Load a spectrum from a PypeIt OneSpec file into a Spectrum1D object.

Parameters:
  • filename (str) – The path to the FITS file

  • grid (bool, optional) – Use the uniform grid wavelengths, instead of the contribution-weighted center.

  • strict (bool, optional) – Check that the wavelength vector is monotonically increasing. If not, raise an error (as would be done by the specutils.Spectrum1D class). If False, wavelengths that are not monotonically increasing are masked in the construction of the returned specutils.Spectrum1D object.

  • chk_version (bool, optional) – When reading in existing files written by PypeIt, perform strict version checking to ensure a valid file. If False, the code will try to keep going, but this may lead to faults and quiet failures. User beware!

  • kwargs (dict, optional) – Ignored! Used to catch spurious arguments passed to the base class that are ignored by this function.

Returns:

spec – Spectrum in the PypeIt OneSpec file

Return type:

specutils.Spectrum1D

pypeit.specutils.pypeit_loaders.pypeit_spec1d_loader(filename, extract=None, fluxed=True, strict=True, chk_version=True, **kwargs)[source]

Load spectra from a PypeIt spec1d file into a SpectrumList.

Parameters:
  • filename (str) – The path to the FITS file

  • extract (str, optional) – The extraction used to produce the spectrum. Must be either None, 'BOX' (for a boxcar extraction), or 'OPT' for optimal extraction. If None, the optimal extraction will be returned, if it exists, otherwise the boxcar extraction will be returned.

  • fluxed (bool, optional) – If True, return the flux-calibrated spectrum, if it exists. If the flux calibration hasn’t been performed or fluxed=False, the spectrum is returned in counts.

  • strict (bool, optional) – Check that the wavelength vector is monotonically increasing. If not, raise an error (as would be done by the specutils.SpectrumList class). If False, wavelengths that are not monotonically increasing are masked in the construction of the returned specutils.SpectrumList object.

  • chk_version (bool, optional) – When reading in existing files written by PypeIt, perform strict version checking to ensure a valid file. If False, the code will try to keep going, but this may lead to faults and quiet failures. User beware!

  • kwargs (dict, optional) – Ignored! Used to catch spurious arguments passed to the base class that are ignored by this function.

Returns:

spec – Contains all spectra in the PypeIt spec1d file

Return type:

specutils.SpectrumList

pypeit.specutils.pypeit_loaders.pypeit_spec1d_loader_nolist(filename, extract=None, fluxed=True, **kwargs)[source]

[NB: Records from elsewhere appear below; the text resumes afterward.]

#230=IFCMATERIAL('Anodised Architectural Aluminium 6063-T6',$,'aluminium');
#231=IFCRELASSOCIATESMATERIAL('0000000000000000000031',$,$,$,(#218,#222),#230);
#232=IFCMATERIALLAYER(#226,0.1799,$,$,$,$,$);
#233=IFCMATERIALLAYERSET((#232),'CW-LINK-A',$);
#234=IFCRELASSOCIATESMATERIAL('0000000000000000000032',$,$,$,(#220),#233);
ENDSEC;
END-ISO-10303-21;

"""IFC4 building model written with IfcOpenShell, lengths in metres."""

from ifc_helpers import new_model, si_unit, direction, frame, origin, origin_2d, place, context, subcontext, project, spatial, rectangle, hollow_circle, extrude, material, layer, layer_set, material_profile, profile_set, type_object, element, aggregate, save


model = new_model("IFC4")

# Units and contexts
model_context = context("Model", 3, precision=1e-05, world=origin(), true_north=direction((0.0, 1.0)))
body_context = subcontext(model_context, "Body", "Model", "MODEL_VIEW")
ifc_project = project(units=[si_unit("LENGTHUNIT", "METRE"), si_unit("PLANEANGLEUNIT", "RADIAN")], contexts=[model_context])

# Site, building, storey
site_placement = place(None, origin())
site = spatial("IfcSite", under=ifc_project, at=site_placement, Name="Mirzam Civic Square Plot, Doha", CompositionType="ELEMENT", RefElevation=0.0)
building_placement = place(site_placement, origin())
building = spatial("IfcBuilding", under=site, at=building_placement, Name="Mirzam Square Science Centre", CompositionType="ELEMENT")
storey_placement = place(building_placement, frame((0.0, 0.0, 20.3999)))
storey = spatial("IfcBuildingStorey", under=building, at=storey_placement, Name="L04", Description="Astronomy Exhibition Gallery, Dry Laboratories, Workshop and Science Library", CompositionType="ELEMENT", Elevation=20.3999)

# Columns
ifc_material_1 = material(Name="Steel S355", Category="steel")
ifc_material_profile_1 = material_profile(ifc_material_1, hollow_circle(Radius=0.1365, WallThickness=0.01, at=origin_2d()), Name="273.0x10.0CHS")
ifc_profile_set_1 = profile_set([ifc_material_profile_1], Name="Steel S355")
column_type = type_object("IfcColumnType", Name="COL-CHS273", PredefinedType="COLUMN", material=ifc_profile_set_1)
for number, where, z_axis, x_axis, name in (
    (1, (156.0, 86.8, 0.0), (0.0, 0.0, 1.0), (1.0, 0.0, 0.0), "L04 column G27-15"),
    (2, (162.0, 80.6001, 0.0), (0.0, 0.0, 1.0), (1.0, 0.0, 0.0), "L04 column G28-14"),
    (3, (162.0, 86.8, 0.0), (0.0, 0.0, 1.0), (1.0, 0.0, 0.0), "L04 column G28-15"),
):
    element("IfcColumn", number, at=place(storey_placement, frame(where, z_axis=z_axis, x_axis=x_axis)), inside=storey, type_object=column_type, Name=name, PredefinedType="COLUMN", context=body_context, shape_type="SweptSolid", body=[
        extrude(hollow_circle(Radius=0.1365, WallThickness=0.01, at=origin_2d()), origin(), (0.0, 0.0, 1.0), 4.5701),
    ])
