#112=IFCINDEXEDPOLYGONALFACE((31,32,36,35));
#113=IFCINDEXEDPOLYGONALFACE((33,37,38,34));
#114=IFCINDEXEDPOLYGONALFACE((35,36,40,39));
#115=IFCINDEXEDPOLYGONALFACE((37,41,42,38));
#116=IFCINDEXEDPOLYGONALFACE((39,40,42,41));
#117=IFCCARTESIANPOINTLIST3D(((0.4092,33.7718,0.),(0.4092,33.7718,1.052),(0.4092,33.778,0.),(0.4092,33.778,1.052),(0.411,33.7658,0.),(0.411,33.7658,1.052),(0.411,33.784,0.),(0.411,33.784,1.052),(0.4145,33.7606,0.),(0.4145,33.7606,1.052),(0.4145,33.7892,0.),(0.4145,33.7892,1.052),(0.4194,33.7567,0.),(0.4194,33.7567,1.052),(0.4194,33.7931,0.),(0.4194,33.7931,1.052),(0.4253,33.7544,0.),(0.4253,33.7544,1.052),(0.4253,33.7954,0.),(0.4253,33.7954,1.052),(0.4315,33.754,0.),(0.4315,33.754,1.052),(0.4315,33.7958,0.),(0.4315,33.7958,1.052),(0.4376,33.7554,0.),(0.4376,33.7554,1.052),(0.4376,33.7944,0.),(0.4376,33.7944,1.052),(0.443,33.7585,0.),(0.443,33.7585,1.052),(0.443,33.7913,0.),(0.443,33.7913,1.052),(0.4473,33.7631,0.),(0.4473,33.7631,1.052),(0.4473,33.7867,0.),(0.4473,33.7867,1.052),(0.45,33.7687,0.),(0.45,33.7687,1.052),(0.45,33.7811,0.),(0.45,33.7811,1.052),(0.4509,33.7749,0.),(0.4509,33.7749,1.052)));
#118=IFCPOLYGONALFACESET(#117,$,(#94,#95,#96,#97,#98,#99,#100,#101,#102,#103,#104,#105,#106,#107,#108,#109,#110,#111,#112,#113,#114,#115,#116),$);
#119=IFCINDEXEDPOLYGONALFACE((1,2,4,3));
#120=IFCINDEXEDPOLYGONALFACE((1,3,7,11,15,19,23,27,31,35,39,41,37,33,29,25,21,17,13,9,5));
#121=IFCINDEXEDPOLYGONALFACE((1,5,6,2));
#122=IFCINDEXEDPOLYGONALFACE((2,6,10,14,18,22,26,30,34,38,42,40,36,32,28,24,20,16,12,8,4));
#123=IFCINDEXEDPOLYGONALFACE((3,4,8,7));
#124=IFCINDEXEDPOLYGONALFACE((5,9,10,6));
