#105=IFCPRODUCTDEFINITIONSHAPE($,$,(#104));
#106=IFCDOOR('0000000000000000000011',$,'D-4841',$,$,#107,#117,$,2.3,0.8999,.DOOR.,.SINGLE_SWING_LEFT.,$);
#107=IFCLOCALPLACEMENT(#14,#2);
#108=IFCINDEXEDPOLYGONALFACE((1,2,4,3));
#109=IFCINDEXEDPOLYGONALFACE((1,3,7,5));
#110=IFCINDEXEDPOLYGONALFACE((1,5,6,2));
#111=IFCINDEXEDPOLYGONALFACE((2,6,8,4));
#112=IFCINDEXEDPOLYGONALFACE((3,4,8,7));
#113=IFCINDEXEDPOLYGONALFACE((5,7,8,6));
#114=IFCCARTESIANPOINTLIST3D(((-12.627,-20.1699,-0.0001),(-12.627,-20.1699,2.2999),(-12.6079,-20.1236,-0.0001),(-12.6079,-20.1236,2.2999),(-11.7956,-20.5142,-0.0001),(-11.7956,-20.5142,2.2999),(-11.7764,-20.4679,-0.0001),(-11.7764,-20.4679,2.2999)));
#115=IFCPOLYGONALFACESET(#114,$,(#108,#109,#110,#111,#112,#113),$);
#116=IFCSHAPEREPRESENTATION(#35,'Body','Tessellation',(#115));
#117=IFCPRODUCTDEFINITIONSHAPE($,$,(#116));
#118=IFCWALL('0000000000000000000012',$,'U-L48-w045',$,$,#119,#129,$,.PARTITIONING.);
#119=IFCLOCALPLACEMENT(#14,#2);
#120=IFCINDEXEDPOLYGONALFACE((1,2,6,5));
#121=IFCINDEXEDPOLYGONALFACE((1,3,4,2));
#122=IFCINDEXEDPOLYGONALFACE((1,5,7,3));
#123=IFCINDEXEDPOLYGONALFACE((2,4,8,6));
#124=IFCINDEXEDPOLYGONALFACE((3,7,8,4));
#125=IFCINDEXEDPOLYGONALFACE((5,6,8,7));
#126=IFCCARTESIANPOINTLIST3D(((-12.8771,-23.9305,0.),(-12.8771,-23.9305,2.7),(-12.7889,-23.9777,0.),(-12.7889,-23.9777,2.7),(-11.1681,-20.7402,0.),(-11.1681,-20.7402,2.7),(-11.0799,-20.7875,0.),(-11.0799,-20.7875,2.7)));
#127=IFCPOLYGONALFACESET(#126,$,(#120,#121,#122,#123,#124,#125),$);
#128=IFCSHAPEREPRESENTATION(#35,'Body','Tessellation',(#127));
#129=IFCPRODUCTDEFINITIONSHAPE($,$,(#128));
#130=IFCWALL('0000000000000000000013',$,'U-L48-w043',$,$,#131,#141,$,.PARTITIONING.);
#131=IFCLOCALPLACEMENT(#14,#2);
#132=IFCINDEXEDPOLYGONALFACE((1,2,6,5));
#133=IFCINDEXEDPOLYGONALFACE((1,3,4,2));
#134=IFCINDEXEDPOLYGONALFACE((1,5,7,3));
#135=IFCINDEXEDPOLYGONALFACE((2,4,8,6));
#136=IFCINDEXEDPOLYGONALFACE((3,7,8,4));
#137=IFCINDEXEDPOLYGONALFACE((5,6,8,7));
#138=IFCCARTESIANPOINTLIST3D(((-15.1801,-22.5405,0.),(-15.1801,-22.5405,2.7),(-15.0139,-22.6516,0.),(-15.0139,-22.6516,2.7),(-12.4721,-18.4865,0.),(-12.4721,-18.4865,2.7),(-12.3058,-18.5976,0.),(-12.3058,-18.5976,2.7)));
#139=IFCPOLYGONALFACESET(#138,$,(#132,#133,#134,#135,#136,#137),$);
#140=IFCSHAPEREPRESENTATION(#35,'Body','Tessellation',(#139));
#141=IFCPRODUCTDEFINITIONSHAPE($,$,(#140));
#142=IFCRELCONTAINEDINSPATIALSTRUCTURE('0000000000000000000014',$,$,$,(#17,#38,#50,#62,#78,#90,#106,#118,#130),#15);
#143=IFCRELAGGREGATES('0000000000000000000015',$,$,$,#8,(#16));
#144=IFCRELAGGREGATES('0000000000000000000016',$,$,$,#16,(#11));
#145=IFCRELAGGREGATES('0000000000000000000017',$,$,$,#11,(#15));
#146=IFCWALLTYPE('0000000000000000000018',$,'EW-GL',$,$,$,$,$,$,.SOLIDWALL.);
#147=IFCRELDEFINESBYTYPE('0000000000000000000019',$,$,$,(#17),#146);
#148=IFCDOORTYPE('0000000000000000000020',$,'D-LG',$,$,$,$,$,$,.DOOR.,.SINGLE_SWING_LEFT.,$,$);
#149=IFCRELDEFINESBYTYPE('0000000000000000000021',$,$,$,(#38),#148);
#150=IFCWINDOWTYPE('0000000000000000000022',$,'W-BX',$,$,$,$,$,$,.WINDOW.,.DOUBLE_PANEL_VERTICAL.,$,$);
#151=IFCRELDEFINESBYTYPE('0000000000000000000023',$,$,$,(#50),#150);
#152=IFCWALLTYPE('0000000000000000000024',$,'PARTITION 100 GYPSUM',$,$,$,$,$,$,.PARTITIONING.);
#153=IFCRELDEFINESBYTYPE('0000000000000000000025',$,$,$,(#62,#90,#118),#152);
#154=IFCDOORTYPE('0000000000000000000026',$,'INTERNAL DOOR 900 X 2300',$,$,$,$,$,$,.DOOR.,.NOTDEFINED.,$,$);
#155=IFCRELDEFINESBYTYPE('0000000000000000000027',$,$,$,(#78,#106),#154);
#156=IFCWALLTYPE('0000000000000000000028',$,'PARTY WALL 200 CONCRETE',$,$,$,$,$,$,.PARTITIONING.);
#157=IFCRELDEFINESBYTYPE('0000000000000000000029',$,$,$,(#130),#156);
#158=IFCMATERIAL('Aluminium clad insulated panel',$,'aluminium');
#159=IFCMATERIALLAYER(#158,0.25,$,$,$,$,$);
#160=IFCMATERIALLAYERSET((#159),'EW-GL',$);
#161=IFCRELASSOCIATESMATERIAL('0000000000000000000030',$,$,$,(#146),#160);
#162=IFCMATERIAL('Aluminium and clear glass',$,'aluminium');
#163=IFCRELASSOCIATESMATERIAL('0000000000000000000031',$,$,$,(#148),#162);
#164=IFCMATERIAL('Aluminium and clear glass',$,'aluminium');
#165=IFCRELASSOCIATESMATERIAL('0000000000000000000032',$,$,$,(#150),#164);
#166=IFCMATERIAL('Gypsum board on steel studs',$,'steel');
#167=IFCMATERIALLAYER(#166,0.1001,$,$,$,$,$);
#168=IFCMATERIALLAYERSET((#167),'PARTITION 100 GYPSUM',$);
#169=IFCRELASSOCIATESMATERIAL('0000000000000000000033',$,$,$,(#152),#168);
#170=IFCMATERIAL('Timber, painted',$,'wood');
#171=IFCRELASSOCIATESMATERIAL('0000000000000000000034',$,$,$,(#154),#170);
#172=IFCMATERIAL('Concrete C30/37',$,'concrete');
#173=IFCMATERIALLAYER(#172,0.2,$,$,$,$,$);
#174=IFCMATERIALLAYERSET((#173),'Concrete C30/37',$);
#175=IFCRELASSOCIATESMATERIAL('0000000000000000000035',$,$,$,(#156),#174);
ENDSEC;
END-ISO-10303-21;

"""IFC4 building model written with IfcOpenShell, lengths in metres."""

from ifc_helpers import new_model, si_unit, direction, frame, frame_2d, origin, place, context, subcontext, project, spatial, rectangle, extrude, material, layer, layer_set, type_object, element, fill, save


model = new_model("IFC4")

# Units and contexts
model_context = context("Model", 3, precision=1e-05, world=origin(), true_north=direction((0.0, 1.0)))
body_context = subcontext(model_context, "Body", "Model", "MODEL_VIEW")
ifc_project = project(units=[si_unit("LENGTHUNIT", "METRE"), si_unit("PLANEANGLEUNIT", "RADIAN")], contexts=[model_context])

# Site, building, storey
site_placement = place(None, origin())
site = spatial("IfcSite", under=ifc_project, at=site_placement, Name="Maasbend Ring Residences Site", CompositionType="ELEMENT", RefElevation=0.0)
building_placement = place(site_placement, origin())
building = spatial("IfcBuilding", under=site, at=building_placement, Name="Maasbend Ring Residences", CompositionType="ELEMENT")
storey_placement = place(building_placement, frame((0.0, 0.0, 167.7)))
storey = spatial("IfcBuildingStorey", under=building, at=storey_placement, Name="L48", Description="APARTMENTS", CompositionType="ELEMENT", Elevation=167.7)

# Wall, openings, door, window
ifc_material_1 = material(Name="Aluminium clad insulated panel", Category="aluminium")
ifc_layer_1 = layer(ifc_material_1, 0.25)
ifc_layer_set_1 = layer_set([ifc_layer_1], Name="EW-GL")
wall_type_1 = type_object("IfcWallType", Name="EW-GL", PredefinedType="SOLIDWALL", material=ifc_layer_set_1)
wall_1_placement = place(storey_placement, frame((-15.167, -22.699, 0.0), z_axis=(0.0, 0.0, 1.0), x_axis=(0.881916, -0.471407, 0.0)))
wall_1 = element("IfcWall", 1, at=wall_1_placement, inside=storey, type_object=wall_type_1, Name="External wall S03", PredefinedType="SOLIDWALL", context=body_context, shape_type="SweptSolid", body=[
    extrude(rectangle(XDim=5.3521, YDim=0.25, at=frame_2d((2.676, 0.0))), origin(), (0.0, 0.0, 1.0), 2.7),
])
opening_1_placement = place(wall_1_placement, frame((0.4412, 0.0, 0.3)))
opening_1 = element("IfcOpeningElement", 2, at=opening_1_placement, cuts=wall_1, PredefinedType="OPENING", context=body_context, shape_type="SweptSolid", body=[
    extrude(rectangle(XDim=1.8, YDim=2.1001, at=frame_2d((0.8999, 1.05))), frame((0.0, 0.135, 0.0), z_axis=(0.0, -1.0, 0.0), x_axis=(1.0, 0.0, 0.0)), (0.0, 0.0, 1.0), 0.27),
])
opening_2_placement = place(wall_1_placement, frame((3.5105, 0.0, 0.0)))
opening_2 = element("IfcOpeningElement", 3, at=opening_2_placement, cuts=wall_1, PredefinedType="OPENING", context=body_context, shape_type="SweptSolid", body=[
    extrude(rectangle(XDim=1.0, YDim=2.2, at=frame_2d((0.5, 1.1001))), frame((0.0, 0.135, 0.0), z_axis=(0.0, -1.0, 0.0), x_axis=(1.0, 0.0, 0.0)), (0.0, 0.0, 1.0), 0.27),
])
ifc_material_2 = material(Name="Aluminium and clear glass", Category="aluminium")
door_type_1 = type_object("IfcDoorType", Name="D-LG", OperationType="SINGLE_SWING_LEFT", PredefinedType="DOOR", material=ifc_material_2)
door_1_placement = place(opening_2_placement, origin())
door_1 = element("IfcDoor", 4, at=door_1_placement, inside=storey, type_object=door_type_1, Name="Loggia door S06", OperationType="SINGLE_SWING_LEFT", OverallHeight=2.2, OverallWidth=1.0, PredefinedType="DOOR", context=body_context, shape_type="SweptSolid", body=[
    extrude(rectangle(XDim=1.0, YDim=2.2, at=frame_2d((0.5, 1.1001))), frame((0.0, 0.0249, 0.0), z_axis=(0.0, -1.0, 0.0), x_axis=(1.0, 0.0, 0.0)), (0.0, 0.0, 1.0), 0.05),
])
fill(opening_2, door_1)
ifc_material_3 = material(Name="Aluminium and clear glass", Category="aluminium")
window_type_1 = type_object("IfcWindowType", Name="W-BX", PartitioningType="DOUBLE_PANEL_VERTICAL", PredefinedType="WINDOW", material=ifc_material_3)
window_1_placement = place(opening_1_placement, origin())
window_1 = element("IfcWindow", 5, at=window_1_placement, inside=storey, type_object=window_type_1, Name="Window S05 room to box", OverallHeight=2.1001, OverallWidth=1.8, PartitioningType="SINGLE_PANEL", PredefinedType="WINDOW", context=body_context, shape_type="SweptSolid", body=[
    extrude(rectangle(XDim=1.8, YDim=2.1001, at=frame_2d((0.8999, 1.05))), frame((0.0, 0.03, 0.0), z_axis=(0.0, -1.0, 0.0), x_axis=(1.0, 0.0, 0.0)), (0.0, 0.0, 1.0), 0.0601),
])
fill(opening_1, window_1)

Sensible error message if a user tries to load spectra from a PypeIt spec1d file into a Spectrum1D.

This is not allowed because spec1d files may contain mutliple spectra. This function accepts all arguments as the SpectrumList version, but only outputs a PypeIt Error with a sensible message.

This avoids receiving unhelpful error messages such as:

OSError: Could not identify column containing the wavelength, frequency or energy
Parameters:
  • filename (str) – The path to the FITS file

  • extract (str, optional) – The extraction used to produce the spectrum. Must be either None, 'BOX' (for a boxcar extraction), or 'OPT' for optimal extraction. If None, the optimal extraction will be returned, if it exists, otherwise the boxcar extraction will be returned.

  • fluxed (bool, optional) – If True, return the flux-calibrated spectrum, if it exists. If the flux calibration hasn’t been performed or fluxed=False, the spectrum is returned in counts.